Install / run
There are two ways to run the CLI. Both accept identical subcommands.
Dev mode (source checkout)
dotnet run --project src/DocumentForge.Cli -- <command> [args]
Published binary
# Build the single-file binary for your platform ./scripts/publish-dfdb.sh # or publish-dfdb.ps1 on Windows # Then run it from dist/ — no .NET runtime required on the target ./dist/linux-x64/dfdb <command> [args] ./dist/win-x64/dfdb.exe <command> [args]
In the rest of this page we write dfdb; substitute whichever form fits your setup.
Top-level help
dfdb help # or --help, -h dfdb version # or --version, -v
serve
Start the REST API for a single node. This is what the admin UI, the LINQ client, and the HttpShardTransport talk to.
dfdb serve [--config node.json]
[--node-name NAME]
[--port N]
[--data-dir DIR]
[--api-key KEY]
[--replication-secret SECRET]
[--bind-all]
[--replication-role leader|follower]
[--replication-port N]
[--leader-host H] [--leader-port N]
[--auto-failover-seconds N] [--auto-failover-new-port N]
| Flag | Default | Notes |
|---|---|---|
--config | — | Path to a node.json file.
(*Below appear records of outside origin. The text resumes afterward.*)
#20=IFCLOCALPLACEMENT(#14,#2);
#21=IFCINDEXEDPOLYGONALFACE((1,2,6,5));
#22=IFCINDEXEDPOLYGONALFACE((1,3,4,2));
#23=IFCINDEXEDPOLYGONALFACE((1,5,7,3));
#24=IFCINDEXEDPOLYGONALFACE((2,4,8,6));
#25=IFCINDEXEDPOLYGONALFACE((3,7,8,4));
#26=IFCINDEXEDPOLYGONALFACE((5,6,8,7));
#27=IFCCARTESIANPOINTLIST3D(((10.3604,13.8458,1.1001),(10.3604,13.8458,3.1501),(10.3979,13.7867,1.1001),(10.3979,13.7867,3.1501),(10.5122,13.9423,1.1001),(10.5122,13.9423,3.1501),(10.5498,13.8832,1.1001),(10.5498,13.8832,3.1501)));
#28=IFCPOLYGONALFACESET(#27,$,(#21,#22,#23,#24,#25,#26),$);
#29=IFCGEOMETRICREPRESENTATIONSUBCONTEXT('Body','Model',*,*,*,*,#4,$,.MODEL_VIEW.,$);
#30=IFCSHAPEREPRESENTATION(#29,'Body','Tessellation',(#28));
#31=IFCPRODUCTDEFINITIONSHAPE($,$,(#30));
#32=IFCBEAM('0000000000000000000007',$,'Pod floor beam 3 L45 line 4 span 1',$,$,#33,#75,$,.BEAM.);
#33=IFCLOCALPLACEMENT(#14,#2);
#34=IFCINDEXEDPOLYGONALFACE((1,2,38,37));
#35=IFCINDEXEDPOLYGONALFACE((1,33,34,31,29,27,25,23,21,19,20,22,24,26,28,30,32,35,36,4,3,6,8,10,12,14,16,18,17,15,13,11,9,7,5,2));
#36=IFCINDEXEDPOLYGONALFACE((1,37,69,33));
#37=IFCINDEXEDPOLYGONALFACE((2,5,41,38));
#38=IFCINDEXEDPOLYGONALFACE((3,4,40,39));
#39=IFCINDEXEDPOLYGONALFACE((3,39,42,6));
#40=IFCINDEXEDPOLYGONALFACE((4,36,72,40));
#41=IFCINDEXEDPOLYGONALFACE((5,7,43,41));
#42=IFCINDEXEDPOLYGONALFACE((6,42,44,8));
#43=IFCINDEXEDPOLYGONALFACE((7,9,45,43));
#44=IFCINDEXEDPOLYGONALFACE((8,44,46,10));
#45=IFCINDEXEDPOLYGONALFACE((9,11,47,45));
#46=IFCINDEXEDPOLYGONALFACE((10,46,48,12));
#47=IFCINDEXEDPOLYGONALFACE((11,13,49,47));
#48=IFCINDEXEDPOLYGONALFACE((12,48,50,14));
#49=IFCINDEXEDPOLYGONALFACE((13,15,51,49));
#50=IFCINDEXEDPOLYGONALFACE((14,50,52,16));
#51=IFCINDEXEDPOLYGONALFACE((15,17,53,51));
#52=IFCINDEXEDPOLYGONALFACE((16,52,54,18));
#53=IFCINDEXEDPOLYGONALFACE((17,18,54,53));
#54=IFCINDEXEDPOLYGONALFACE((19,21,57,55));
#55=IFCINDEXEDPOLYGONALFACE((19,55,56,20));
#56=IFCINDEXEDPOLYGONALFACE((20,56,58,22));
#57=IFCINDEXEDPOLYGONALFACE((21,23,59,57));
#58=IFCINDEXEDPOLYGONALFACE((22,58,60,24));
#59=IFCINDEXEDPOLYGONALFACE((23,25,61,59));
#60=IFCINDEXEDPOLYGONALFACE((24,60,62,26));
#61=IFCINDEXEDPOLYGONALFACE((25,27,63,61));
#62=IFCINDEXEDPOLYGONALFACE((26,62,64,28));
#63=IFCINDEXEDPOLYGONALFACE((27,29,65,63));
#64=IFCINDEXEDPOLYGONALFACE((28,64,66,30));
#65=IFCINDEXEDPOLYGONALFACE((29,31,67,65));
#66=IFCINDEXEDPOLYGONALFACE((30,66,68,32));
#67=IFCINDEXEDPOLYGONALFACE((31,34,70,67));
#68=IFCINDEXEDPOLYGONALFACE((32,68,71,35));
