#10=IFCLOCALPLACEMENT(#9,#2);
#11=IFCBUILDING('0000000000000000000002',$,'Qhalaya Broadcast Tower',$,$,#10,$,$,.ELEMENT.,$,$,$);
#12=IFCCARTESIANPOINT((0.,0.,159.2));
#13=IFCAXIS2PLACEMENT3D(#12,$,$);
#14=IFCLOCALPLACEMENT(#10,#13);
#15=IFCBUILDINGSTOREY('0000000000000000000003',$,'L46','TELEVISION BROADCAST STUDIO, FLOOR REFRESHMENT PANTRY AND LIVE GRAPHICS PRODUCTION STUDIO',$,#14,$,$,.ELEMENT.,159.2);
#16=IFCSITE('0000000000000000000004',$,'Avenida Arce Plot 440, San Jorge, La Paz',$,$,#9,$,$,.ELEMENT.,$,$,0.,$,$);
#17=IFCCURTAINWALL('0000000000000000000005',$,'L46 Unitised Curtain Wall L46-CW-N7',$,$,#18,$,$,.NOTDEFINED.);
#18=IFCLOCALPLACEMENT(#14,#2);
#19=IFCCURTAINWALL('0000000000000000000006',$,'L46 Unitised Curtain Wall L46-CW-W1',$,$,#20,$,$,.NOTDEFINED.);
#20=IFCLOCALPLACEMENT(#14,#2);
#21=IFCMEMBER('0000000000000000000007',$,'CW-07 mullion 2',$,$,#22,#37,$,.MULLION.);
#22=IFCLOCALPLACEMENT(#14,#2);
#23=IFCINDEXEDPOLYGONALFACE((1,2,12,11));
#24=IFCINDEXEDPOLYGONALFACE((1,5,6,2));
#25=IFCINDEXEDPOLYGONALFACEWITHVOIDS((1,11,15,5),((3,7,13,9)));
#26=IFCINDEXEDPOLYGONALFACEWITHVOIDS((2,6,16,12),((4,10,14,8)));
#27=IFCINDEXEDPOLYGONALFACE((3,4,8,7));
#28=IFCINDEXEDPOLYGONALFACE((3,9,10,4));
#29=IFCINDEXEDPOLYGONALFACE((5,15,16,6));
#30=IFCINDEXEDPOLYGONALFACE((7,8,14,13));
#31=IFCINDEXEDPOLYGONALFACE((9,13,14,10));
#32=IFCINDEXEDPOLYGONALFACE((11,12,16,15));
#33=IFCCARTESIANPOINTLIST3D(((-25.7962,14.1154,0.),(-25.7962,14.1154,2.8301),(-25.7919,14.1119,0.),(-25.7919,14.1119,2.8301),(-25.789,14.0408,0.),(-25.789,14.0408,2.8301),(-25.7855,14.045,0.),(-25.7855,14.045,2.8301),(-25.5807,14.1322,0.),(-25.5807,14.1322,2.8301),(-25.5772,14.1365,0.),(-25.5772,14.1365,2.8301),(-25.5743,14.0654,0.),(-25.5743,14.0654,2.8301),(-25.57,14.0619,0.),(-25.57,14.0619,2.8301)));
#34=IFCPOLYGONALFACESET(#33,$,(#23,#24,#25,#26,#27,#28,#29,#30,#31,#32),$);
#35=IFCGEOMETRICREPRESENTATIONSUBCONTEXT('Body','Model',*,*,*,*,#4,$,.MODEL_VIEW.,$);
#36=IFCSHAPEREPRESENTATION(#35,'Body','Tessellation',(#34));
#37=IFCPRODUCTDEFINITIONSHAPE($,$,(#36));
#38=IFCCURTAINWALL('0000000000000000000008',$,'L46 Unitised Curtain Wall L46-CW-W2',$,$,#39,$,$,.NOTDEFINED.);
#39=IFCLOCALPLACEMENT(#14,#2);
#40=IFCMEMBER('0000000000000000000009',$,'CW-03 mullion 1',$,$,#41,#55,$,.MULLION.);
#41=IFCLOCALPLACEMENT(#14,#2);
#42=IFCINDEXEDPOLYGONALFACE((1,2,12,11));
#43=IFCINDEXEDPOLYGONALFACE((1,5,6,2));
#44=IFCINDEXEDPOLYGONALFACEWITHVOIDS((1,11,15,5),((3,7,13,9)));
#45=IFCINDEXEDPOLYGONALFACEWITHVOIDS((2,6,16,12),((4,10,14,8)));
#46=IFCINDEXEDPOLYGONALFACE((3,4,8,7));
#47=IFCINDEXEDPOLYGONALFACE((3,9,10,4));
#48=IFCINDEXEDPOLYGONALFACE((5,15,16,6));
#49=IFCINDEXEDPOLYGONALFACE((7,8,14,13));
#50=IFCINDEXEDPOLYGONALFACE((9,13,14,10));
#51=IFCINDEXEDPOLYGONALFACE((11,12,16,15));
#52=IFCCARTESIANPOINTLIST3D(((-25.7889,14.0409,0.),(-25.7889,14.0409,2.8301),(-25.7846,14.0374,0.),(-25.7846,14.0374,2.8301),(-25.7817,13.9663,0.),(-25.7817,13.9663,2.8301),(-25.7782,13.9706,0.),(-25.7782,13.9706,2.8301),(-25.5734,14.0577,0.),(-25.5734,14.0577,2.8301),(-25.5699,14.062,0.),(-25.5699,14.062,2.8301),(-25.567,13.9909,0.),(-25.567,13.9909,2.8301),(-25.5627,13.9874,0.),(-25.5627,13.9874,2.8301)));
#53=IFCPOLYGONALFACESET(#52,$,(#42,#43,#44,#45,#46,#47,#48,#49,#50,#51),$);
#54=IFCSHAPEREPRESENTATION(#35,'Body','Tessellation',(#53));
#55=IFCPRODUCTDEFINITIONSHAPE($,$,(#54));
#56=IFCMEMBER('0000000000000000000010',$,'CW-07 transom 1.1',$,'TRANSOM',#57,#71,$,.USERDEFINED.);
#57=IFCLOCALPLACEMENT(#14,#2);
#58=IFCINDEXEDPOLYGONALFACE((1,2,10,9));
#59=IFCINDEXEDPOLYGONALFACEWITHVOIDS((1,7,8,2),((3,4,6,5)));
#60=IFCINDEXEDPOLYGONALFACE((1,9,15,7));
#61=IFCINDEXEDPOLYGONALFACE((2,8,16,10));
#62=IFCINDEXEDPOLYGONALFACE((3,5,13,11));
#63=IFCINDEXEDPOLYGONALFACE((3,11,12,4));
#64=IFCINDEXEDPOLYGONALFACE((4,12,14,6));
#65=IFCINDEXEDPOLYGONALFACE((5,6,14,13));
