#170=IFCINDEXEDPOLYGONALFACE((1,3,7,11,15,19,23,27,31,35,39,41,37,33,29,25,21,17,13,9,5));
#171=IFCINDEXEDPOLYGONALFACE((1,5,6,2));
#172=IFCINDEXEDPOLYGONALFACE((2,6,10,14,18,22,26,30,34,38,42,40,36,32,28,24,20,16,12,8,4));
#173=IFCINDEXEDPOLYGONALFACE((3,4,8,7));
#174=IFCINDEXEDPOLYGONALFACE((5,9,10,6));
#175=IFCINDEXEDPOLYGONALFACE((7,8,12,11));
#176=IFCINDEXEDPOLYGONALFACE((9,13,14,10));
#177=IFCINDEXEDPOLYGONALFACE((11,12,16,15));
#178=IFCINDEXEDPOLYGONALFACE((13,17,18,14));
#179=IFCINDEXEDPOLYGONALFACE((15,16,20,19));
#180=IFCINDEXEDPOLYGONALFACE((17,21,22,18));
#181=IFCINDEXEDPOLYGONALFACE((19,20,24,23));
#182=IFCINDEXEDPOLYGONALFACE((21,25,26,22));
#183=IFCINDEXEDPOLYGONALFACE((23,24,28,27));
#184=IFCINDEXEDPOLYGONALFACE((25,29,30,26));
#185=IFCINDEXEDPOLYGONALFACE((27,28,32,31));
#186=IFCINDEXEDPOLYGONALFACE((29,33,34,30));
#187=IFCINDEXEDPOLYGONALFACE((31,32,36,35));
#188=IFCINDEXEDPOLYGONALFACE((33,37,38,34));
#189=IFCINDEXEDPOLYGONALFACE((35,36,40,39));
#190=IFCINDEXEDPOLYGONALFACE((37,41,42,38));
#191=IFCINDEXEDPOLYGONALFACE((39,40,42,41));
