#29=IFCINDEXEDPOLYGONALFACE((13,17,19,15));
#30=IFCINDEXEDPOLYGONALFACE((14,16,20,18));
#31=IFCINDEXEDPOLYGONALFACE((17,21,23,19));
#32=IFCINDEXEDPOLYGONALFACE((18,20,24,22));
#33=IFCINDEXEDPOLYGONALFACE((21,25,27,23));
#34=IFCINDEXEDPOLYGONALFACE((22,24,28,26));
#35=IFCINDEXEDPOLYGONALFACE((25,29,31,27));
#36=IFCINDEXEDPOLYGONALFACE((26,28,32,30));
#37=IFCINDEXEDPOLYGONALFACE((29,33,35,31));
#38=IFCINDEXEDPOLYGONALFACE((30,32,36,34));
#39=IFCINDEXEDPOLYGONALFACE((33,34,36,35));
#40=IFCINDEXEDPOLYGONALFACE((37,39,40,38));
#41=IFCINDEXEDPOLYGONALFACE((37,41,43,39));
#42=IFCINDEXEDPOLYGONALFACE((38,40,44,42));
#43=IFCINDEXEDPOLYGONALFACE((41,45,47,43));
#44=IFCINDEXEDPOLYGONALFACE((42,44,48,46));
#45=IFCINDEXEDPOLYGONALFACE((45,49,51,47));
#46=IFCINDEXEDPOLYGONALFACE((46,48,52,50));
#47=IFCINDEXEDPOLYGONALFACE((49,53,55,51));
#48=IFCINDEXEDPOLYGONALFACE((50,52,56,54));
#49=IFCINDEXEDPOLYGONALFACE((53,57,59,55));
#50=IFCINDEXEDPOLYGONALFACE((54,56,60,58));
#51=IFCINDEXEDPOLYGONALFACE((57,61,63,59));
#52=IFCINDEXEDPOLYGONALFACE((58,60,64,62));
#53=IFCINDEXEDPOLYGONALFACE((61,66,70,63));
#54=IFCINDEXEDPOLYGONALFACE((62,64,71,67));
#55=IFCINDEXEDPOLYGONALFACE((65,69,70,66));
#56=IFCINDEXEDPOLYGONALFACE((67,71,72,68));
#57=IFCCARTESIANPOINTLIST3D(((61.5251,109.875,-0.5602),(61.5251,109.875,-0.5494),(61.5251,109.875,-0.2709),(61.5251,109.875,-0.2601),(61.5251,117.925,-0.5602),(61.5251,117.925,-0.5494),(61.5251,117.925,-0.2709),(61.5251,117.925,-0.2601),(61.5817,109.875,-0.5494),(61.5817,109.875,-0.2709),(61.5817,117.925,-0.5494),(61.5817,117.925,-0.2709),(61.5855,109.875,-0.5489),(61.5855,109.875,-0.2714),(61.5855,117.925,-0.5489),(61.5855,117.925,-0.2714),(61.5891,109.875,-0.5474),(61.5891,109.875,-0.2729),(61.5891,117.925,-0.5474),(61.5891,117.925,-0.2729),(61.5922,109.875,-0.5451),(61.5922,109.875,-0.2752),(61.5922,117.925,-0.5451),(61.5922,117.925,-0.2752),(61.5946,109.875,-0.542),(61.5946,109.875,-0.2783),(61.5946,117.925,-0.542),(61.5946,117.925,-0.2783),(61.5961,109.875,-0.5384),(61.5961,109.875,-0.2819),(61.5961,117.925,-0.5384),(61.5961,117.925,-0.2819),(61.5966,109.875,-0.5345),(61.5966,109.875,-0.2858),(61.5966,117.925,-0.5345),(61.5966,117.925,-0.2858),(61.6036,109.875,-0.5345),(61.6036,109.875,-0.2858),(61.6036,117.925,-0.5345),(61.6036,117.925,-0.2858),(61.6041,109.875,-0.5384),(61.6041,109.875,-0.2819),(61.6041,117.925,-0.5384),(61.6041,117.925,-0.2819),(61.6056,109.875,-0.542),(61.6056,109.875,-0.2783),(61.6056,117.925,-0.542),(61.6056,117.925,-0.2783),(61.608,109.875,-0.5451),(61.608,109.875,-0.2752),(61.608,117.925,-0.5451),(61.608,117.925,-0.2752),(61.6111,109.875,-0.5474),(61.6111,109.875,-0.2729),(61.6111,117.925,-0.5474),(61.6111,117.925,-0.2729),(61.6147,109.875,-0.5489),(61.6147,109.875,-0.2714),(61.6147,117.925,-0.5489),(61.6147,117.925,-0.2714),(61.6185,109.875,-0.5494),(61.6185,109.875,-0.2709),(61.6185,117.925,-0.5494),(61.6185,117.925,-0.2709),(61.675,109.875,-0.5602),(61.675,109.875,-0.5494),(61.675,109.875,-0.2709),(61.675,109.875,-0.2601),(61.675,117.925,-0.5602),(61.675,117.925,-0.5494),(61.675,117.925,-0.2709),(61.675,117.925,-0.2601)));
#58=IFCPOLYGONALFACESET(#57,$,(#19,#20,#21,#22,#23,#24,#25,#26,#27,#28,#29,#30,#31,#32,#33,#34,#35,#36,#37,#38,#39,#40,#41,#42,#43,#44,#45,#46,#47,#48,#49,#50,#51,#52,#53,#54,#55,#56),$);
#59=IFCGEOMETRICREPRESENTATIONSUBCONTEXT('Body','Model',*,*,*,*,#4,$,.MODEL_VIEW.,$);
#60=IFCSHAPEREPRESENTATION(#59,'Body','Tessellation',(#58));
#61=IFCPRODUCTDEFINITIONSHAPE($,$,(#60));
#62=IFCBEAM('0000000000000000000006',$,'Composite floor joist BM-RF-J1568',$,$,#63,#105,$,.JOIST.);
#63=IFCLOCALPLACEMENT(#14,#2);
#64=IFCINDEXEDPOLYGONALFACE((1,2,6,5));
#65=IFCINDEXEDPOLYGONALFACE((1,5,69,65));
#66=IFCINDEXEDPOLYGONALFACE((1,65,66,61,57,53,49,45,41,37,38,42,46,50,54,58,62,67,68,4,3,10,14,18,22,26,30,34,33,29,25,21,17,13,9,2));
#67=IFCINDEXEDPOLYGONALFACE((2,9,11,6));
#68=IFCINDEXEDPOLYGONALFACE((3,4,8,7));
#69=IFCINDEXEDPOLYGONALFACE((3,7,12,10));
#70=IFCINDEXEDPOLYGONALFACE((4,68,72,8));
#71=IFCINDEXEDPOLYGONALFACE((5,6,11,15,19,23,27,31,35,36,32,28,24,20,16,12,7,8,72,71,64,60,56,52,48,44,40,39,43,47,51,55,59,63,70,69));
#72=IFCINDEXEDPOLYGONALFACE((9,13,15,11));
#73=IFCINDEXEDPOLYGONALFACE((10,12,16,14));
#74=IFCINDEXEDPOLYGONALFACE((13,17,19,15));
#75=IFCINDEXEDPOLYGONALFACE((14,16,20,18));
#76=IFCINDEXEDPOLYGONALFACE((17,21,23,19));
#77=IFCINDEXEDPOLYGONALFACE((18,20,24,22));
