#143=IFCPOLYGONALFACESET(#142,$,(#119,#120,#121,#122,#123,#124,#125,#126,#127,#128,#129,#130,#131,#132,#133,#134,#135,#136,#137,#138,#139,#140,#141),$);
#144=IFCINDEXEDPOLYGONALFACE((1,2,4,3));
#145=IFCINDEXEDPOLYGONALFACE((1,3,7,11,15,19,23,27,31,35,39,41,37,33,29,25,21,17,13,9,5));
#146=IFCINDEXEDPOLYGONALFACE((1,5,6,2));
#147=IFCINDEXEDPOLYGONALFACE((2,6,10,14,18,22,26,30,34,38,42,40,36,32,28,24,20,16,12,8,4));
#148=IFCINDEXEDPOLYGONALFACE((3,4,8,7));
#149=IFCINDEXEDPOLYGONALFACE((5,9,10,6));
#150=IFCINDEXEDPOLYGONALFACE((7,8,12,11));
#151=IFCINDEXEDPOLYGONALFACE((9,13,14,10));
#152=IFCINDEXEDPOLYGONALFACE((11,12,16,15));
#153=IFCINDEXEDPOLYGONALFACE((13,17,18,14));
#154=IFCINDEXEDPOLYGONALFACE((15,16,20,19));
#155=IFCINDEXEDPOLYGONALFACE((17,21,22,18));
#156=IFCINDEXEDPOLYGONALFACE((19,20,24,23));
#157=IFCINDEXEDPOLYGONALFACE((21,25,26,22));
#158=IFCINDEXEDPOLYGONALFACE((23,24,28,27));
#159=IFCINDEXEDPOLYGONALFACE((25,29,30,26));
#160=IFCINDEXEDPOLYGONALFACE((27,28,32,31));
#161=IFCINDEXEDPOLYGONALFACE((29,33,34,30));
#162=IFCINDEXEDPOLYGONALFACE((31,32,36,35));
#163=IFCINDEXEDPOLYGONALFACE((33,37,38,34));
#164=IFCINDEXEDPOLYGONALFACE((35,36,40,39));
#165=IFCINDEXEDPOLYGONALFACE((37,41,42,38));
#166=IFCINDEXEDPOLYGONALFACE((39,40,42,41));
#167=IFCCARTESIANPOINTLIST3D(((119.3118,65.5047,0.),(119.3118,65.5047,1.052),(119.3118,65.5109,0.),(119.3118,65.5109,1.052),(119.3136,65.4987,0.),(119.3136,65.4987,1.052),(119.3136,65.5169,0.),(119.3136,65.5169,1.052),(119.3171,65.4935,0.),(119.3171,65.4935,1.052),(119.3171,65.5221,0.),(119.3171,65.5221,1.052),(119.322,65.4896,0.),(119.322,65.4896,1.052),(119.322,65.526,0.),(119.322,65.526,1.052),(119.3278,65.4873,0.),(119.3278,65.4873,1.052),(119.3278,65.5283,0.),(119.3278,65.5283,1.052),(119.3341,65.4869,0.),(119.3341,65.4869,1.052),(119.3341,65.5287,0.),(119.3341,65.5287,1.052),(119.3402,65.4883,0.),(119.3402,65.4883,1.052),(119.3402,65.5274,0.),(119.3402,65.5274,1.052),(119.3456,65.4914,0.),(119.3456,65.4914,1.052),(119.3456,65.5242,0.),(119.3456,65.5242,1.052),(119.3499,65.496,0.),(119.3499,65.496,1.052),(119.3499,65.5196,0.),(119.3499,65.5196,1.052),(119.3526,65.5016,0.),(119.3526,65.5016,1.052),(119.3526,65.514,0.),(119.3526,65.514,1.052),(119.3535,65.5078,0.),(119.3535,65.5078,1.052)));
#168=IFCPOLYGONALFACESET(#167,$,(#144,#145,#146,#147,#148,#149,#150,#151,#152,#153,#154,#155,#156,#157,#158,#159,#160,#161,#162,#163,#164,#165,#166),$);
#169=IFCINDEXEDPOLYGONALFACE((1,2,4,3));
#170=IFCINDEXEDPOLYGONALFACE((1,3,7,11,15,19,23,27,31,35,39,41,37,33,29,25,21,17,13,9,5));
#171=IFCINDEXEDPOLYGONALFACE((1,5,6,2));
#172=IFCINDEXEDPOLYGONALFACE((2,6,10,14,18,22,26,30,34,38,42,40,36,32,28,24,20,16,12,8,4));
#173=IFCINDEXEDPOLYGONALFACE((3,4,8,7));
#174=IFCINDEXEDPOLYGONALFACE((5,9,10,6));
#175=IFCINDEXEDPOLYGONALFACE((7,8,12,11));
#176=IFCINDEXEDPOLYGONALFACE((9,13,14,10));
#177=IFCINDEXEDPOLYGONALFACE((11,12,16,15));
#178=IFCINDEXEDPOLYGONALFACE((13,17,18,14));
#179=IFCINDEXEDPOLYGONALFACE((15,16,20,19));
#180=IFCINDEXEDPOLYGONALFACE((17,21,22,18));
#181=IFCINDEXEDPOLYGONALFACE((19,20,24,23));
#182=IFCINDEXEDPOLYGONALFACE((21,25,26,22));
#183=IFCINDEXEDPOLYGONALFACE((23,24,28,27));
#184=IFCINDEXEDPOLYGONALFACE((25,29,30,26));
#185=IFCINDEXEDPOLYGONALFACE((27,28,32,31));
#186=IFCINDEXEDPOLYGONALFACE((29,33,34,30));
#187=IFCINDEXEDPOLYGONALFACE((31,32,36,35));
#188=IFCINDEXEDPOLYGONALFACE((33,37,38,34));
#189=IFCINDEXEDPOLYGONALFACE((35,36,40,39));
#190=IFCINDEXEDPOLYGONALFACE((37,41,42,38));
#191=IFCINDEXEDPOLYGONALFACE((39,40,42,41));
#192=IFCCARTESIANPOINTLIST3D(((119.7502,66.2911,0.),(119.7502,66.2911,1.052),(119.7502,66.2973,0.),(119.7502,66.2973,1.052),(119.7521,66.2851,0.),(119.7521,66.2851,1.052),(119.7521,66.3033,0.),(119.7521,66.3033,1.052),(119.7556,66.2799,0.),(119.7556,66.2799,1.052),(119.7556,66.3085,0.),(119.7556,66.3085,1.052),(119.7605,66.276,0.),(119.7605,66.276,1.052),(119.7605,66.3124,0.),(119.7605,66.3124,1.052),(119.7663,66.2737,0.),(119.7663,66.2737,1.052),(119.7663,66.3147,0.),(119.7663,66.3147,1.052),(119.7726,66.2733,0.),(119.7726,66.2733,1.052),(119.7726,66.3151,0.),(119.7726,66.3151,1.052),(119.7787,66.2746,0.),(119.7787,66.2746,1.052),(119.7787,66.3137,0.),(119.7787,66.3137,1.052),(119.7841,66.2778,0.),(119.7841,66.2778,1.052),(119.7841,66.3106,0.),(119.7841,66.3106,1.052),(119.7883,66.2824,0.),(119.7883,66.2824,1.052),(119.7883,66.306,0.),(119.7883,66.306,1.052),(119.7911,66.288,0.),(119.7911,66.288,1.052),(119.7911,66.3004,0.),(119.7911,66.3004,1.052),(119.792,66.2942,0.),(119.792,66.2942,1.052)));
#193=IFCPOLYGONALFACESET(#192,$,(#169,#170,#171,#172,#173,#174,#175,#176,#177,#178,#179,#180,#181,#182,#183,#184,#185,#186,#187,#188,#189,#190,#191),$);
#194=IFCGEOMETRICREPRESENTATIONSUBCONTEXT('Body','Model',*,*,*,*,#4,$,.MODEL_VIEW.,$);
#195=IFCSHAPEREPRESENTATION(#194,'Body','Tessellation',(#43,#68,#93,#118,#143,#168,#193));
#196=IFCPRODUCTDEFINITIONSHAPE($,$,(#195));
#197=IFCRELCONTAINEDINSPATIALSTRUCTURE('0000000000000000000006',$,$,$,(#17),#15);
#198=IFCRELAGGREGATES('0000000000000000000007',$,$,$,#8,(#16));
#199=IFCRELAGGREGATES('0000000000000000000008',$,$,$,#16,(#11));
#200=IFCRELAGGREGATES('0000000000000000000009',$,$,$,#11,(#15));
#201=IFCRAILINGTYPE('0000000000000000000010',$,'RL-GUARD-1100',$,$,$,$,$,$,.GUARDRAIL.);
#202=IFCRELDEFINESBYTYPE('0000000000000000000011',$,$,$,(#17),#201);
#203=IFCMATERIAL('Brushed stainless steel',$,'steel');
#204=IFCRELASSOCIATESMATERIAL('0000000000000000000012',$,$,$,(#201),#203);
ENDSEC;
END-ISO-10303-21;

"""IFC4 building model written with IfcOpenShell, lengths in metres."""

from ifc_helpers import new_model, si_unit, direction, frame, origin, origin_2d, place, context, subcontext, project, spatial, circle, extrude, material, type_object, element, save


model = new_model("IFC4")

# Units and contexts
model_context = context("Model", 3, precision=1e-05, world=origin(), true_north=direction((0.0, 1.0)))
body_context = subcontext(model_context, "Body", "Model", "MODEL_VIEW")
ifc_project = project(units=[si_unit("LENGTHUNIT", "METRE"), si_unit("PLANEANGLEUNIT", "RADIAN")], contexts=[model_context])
Loaded first; other flags override. |
--node-name | node-1 | Shows up in logs, health output, and shard descriptors. |
--port | 5000 | HTTP (or HTTPS, with TLS configured) port. |
--data-dir | ./data | Directory for data.dfdb, WAL, and recovery log. |
--api-key | off | If set, every request must carry Authorization: Bearer <key>. |
--replication-secret | off | Shared secret enforced on the replication handshake. |
--bind-all | loopback | Bind to 0.0.0.0 instead of 127.0.0.1. Only enable behind a trusted network / firewall. |
--replication-role | off | leader or follower. Omit for a single-node setup. |
--replication-port | 5500 | Leader: TCP port for the replication listener. Must differ from --port. |
--leader-host | — | Follower: hostname of the leader. |
--leader-port | — | Follower: replication port on the leader. |
--auto-failover-seconds | off | Follower: promote if the leader is silent this many seconds. |
--auto-failover-new-port | = leader port | Follower: which port to bind as leader once promoted. |
Examples
# Single-node dev dfdb serve --port 5000 --data-dir ./data # Production node with API key + shared secret dfdb serve --config ./node-shard-a.json \ --api-key sk_prod_abc123 \ --replication-secret repl_shared_xyz # Everything via env vars (useful in containers) DFDB_NODE_NAME=shard-a \ DFDB_PORT=5001 \ DFDB_DATA_DIR=/var/lib/dfdb/shard-a \ DFDB_API_KEY=sk_prod_abc123 \ dfdb serve # Leader with replication enabled dfdb serve --port 5000 --data-dir ./data/leader \ --replication-role leader --replication-port 5500 # Follower with auto-failover dfdb serve --port 5010 --data-dir ./data/replica \ --replication-role follower \ --leader-host localhost --leader-port 5500 \ --auto-failover-seconds 10
--replication-role (and the follower flags) and dfdb serve stands up the replication listener or follower loop alongside the HTTP API. See Replication → From the CLI for the full protocol and failure modes.
inspect
Offline introspection. Opens a .dfdb file locally and prints stats — size, page counts, collections, and indexes. Does not start a server.
dfdb inspect <file>
# Example
dfdb inspect ./data/shard-a/data.dfdb
query
Run a single SQL statement against a local file and print the results. Great for scripts and sanity checks.
dfdb query <file> "<sql>"
# Examples
dfdb query ./data/shard-a/data.dfdb "SELECT COUNT(*) FROM orders"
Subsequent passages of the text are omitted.